Most of the animals in Sustainable Safari rotate in and out, alternating time at the attraction with time at Pilz's farm (a few seem to prefer the mall). They eat well and their health is closely monitored. Thanks to protection from disease and predators, Pilz's animals are likely to outlive their wild counterparts. Their cages are cleaned daily.
But that can be a problematic word — cages. Some animal lovers believe no animal should ever be kept in a cage.
"We'll get a bad review every once in a while," Pilz said. "That person came specifically here to bash us."
His counterargument is that when people can connect with animals in person rather than knowing them only from pictures taken on another part of the planet, they become more conscious of the importance of protecting the animals' wild counterparts.
"Most of the guys we have here are ambassadors for their species," Harvey said.
"I'm not someone exploiting animals for money," Pilz said. "Plenty of research shows that zoos make a big difference in the health of the planet."
Best job ever
Gallup went to work at Sustainable Safari for her own health — her mental health, which was under strain after 18 years as an emergency medical technician at North Memorial Health Hospital.

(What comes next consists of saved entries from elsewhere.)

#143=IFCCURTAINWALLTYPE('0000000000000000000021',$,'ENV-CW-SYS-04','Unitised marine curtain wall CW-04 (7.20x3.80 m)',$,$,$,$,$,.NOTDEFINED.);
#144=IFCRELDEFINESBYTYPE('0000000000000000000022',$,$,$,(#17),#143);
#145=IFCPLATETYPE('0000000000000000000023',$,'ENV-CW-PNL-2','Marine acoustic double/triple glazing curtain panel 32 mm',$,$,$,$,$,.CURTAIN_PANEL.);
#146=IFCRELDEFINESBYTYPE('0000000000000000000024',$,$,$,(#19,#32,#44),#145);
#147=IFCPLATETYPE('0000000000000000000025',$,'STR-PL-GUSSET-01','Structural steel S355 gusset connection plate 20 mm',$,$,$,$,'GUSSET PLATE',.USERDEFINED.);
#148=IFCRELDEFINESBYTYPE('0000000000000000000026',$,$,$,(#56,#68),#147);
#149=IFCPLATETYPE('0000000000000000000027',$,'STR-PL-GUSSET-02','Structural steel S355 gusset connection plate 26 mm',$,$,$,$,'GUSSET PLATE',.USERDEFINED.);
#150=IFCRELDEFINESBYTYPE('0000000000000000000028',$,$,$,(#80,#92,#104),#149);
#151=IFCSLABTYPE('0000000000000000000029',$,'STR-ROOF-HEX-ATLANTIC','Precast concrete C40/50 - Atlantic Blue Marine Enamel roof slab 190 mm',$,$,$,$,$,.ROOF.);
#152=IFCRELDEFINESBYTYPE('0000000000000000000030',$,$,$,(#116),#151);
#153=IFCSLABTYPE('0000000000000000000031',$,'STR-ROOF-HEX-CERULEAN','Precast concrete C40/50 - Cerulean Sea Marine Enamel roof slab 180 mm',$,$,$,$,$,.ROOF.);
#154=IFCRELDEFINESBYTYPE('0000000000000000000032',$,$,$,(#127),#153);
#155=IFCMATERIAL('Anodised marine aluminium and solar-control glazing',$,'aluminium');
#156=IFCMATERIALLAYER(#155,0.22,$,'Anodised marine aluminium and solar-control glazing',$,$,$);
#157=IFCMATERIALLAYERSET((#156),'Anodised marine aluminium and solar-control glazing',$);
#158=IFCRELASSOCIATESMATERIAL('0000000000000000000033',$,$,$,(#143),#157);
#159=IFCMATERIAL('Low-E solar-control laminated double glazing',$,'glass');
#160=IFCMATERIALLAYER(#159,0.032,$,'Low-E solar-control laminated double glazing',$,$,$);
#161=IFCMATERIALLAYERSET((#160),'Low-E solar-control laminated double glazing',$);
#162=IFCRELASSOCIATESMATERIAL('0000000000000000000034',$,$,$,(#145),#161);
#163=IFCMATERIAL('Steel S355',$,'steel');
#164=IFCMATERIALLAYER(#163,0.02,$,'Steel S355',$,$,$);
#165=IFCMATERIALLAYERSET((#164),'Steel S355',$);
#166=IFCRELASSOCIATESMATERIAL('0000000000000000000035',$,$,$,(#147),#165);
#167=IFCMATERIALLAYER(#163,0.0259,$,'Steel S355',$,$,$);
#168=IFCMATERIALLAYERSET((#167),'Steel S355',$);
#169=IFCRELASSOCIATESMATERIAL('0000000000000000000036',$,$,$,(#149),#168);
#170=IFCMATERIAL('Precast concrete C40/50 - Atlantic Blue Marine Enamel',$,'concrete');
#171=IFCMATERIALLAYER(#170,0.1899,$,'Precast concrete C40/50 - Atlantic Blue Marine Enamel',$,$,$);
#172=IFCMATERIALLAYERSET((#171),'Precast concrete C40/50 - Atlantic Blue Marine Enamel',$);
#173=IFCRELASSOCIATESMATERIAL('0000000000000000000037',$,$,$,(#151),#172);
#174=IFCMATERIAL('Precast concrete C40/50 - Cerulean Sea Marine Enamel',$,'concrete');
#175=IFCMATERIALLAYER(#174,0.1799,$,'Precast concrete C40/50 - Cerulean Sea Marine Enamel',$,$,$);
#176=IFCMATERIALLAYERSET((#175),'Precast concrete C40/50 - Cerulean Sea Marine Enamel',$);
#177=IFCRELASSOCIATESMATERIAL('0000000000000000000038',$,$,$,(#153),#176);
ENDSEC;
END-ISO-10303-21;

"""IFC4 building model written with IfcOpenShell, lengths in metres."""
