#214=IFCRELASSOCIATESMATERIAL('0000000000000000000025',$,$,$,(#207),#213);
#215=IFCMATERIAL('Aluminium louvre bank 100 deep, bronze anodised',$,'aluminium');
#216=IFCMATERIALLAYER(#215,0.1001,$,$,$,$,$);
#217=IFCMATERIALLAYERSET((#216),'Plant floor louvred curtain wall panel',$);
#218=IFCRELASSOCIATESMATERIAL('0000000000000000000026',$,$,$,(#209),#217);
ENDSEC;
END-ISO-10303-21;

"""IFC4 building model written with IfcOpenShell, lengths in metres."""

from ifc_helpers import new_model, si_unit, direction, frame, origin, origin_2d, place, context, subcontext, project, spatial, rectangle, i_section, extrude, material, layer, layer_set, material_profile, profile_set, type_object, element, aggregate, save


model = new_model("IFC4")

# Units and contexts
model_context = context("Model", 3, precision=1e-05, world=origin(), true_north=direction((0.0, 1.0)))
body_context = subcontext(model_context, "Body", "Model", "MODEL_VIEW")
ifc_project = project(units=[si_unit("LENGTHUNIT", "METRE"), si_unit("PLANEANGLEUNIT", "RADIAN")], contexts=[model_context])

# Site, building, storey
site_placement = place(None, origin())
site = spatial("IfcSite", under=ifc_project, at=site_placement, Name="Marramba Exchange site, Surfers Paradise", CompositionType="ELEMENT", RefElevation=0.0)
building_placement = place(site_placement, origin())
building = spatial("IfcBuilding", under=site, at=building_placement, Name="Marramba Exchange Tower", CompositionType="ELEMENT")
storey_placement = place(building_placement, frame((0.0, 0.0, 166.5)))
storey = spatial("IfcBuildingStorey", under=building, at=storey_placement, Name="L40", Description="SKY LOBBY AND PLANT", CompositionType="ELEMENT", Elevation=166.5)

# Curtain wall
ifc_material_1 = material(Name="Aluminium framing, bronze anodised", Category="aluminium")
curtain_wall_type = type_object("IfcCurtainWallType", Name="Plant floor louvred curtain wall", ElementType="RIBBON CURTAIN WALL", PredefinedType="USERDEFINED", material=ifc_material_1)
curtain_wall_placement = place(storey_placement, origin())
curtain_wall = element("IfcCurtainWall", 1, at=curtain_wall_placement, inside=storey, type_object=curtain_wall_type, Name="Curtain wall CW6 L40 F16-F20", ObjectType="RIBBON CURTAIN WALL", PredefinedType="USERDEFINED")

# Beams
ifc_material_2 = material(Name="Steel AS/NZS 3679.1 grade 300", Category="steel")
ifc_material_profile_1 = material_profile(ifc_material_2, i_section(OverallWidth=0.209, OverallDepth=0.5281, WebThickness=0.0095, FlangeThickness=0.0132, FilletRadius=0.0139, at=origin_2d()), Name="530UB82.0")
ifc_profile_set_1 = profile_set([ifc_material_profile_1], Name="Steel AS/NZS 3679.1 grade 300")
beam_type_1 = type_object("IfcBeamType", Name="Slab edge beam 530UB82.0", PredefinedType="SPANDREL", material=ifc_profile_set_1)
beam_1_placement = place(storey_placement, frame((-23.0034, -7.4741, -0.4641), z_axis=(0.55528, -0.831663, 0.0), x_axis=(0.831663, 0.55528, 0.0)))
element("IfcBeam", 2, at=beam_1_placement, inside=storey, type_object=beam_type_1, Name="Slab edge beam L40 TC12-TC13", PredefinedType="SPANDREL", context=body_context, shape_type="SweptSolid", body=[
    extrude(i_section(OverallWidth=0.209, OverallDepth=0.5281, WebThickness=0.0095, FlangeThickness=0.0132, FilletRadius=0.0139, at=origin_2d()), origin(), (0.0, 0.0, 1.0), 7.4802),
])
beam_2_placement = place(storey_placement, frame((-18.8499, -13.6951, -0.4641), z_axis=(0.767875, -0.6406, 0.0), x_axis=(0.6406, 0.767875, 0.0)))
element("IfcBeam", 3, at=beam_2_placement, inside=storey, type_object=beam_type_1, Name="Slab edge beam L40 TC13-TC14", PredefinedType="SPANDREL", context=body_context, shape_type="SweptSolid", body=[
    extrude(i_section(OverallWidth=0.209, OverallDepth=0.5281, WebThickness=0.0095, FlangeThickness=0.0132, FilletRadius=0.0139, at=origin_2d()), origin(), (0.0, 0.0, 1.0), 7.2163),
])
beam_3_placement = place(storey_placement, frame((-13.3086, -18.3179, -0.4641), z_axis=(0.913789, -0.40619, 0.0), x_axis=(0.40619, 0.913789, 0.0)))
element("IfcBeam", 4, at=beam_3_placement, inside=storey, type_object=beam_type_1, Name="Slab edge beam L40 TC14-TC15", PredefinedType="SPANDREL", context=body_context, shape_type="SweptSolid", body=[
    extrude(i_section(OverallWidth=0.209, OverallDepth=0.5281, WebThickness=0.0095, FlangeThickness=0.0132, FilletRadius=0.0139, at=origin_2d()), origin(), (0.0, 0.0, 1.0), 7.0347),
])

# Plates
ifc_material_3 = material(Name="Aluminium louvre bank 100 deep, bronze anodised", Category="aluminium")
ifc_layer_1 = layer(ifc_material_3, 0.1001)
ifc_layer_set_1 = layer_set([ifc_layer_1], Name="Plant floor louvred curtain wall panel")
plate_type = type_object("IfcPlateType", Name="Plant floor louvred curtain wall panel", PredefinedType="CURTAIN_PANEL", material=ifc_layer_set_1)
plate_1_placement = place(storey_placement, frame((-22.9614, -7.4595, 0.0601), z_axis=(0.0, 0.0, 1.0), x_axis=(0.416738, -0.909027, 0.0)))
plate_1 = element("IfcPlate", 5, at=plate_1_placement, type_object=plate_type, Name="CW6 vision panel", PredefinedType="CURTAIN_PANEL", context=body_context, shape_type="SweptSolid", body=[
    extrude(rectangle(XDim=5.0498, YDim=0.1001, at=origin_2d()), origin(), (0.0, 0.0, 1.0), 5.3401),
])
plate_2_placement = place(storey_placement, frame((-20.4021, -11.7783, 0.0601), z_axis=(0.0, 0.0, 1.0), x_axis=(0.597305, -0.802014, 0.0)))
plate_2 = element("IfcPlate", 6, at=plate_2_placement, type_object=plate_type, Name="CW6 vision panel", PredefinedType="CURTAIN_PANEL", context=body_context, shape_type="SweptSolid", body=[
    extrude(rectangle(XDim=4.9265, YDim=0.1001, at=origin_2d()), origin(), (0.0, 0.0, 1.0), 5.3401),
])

She once loved her job, but as violent crime and drug abuse escalated, treating victims of gunshots and stabbings and overdoses on a daily basis was taking a toll.
"There was a lot of anxiety about going to work," Gallup said. "It kept getting worse and worse and worse. It was just hard to go in and know all these young kids are going to come in and there's nothing you can do about it."
Then she heard about Sustainable Safari.
"I was looking for something to give me some balance," she said. "I begged Dave to hire me."
At first, Gallup thought she would take a temporary break from her EMT job, she said. She spent time scooping up poop and playing with the animals. In the summer of 2020, she began working at the Safari full-time, using her medical background in the role of animal health manager. Her job involves ensuring animal well-being, scheduling veterinarian appointments and keeping track of animal health records.
She had tried other treatments for stress, but nothing helped her relax like Sustainable Safari. She still gets to care for others, but in a happier environment.
"Animals are just nicer than people — they really are," she said. "This is the best job I've ever had, hands down."